Rosenthal’s equal protection contentions center around 7 U.S.C. § 18(g), a provision requiring the party appealing from a reparation order entered by the Commission to post a bond in double the amount of the reparation award. Rosenthal argues that the double bond requirement as applied to commodity professionals, such as itself, is a prima facie denial of equal protection since the Commission only orders commodity professionals to pay reparation awards, and thus only commodity professionals must post a double bond in order to appeal the Commission’s reparation orders. A review of the Commodity Exchange Act, 7 U.S.C. §§ 1 et seq., and the Commission rules, however, reveals that Rosenthal’s prima facie violation argument has no merit. Commission rule 12.23(b)(2), 17 C.F.R. § 12.-23(b)(2) (1981),8 authorizes registered commodity professionals to file counterclaims in reparation proceedings, making possible recovery by a registered commodity professional against the complainant. Moreover, the double bond language in 7 U.S.C. § 18(g) does not limit the posting of a double bond to commodity professionals; rather, it requires “the appellant” to post a double bond.9 Consequently, if a eommodi*53ty customer seeks judicial review of a Commission order requiring the customer to pay a reparation award to a registered commodity professional, the customer must file a bond in double the amount of the award. In contrast with 7 U.S.C. § 18(g), other subsections of 7 U.S.C. § 18 explicitly refer to registered commodity professionals and reflect Congress’ intent that they apply solely to those professionals. Compare 7 U.S.C. § 18(g) (“appellant also files with the clerk of the court a bond . . . ”) with 7 U.S.C. § 18(a) (“any violation ... by any person who is registered or required to be registered . . . ”) and 7 U.S.C. § 18(h) (“Unless the registrant against whom a reparation order has been issued . . . ”). Since the double bond requirement applies equally to all persons whom the Commission has ordered to pay a reparation award, Rosenthal is not denied equal protection.
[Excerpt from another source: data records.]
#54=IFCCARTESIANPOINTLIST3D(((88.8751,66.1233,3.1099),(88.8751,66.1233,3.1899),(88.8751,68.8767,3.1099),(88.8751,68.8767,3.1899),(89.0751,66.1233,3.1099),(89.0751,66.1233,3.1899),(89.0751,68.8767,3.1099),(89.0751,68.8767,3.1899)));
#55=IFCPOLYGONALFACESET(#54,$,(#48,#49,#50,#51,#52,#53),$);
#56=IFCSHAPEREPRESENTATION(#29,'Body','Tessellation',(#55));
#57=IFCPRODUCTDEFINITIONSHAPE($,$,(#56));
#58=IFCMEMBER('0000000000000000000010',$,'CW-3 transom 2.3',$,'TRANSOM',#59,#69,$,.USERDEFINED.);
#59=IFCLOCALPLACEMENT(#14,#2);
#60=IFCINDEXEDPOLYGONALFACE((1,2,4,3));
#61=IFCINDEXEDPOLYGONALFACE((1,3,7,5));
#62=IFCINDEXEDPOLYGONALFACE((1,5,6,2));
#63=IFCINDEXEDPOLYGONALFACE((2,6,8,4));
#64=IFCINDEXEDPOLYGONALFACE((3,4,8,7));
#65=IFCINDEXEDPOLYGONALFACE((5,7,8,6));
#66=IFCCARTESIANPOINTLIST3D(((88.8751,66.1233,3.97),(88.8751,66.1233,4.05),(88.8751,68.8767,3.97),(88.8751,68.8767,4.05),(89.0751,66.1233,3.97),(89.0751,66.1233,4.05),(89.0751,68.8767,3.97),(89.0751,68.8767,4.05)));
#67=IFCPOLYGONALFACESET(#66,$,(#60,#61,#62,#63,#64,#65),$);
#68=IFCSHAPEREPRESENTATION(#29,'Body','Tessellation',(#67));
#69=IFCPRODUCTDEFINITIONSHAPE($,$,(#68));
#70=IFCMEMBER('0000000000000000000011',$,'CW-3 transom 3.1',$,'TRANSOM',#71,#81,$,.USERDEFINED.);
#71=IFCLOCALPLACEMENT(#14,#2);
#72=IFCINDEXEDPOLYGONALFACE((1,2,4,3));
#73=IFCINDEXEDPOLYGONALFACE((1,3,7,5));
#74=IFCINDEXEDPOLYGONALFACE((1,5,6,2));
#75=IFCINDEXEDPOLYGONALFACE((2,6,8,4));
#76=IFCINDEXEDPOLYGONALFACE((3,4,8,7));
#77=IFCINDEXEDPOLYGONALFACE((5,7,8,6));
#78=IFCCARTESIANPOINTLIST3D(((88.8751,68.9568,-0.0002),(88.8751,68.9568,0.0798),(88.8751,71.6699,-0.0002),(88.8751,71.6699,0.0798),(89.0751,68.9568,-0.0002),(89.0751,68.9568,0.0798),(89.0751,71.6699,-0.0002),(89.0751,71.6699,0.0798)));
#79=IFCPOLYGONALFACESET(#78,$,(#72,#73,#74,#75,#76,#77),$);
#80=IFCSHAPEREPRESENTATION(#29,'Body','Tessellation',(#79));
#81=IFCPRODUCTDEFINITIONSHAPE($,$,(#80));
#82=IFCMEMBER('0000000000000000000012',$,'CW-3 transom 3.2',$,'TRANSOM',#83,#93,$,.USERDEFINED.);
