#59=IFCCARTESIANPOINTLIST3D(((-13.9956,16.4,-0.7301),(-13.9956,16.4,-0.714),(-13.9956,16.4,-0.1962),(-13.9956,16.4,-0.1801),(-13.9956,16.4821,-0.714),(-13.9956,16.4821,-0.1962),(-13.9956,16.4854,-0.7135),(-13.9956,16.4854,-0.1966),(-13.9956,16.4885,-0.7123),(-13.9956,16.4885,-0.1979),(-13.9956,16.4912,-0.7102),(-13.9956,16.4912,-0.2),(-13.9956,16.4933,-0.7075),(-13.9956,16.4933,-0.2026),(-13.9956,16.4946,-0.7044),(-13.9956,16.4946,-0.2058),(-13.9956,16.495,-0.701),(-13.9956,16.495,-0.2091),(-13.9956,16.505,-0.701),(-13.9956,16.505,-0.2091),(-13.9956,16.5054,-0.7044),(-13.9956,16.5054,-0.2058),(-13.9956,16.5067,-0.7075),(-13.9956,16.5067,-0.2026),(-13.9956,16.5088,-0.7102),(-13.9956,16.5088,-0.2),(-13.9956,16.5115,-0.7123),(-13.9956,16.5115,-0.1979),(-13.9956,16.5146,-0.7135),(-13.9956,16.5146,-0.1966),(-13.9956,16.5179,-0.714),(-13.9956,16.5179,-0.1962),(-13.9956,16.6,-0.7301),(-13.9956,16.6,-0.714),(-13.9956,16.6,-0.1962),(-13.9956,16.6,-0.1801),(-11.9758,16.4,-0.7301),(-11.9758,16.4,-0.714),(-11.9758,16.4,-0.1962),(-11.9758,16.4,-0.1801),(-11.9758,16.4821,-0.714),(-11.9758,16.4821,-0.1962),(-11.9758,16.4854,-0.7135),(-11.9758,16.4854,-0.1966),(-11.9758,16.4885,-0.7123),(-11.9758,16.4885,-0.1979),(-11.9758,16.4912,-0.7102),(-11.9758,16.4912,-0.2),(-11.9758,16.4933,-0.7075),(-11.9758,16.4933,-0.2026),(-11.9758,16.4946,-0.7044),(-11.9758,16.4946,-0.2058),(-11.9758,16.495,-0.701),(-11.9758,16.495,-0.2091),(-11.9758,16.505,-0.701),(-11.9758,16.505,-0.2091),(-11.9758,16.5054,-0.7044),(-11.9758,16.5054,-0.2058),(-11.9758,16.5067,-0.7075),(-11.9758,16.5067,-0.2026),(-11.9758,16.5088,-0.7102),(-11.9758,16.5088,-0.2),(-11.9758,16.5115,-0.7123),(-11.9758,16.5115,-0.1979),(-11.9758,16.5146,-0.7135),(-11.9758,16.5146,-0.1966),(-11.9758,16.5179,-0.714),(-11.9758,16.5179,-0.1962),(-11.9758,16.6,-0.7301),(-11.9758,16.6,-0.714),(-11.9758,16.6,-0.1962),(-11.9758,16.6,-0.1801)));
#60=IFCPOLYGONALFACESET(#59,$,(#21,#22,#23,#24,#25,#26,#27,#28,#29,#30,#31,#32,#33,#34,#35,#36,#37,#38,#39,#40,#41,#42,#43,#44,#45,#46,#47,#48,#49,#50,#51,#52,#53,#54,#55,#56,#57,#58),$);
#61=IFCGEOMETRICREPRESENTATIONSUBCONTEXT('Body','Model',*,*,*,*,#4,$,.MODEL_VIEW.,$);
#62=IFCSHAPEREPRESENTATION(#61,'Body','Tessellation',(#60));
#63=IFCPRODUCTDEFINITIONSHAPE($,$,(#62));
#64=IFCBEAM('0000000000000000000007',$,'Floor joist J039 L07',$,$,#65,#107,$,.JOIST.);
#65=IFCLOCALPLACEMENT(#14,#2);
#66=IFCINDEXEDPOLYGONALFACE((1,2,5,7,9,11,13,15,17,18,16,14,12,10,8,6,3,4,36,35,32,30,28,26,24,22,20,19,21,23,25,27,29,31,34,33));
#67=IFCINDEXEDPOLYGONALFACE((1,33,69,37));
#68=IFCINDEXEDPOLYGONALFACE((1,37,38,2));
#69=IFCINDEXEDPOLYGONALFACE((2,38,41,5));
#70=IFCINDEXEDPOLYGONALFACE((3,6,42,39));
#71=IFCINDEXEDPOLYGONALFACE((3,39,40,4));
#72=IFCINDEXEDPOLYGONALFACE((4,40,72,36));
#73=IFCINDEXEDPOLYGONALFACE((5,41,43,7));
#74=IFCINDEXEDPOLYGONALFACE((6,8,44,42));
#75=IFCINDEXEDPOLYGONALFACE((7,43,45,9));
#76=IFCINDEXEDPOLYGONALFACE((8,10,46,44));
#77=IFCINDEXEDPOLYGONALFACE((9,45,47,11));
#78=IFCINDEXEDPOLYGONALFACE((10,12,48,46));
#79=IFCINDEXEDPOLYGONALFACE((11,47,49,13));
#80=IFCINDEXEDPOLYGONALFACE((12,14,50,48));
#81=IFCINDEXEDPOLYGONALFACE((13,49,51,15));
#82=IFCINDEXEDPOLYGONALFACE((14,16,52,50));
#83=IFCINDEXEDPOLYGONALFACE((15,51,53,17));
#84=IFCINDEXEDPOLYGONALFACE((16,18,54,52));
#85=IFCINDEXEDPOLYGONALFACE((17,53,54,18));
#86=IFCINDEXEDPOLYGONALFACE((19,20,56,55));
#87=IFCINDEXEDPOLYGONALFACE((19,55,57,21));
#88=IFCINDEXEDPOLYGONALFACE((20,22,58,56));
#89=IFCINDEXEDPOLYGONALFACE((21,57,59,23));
In addition to its prima facie equal protection argument, Rosenthal implies that the bond requirement violates the principle of equal protection implicit in the due process clause of the Fifth Amendment, relying heavily on O’Day v. George Arakelian Farms, Inc., 536 F.2d 856 (9th Cir. 1976). By discussing O’Day, Rosenthal implies that the instant double bond requirement violates equal protection in that it impermissibly denies indigents an appeal from a Commission reparation order.

Its argument, however, is not its case. Unlike the appellant in O’Day, who, due to an alleged lack of financial resources, did not file a double bond as required by statute,10 Rosenthal filed a double bond. Indeed, Rosenthal does not argue financial hardship. Generally “one to whom application of a statute is constitutional will not be heard to attack the statute on the ground that impliedly it might also be taken as applying to other persons or other situations in which its application might be unconstitutional.” United States v. Raines, 362 U.S. 17, 21, 80 S.Ct. 519, 522, 4 L.Ed.2d 524 (1960); accord, McGowan v. Maryland, 366 U.S. 420, 429, 81 S.Ct. 1101, 1107, 6 L.Ed.2d 393 (1961). Rosenthal cannot assert another’s cause.11

AFFIRMED.

. The ALJ’s decision appears at [1977-1980 Transfer Binder] Comm.Fut.L.Rep. (CCH) [¶ 20,-638.

. 17 C.F.R. § 32.9 (1981) states as follows:

Fraud in connection with commodity option transactions.
It shall be unlawful for any person directly or indirectly—
(a) To cheat or defraud or attempt to cheat or defraud any other person;
(b) To make or cause to be made to any other person any false report or statement thereof or cause to be entered for any person any false record thereof;
(c) To deceive or attempt to deceive any other person by any means whatsoever;
in or in connection with an offer to enter into, the entry into, or the confirmation of the execution of, any commodity option transaction.

. The two sugar call options were commodity options. A “commodity option” is a contractual right to buy, or sell, a commodity or commodity future at a specified date and for a specified price, known as the “striking price.” A “call” is a contract entitling its owner to purchase the commodity. For an insightful discussion of the commodity options industry, see British American Commodity Options Corp. v. Bagley, 552 F.2d 482, 484-85 (2d Cir.), cert. denied, 434 U.S. 938, 98 S.Ct. 427, 54 L.Ed.2d 297 (1977).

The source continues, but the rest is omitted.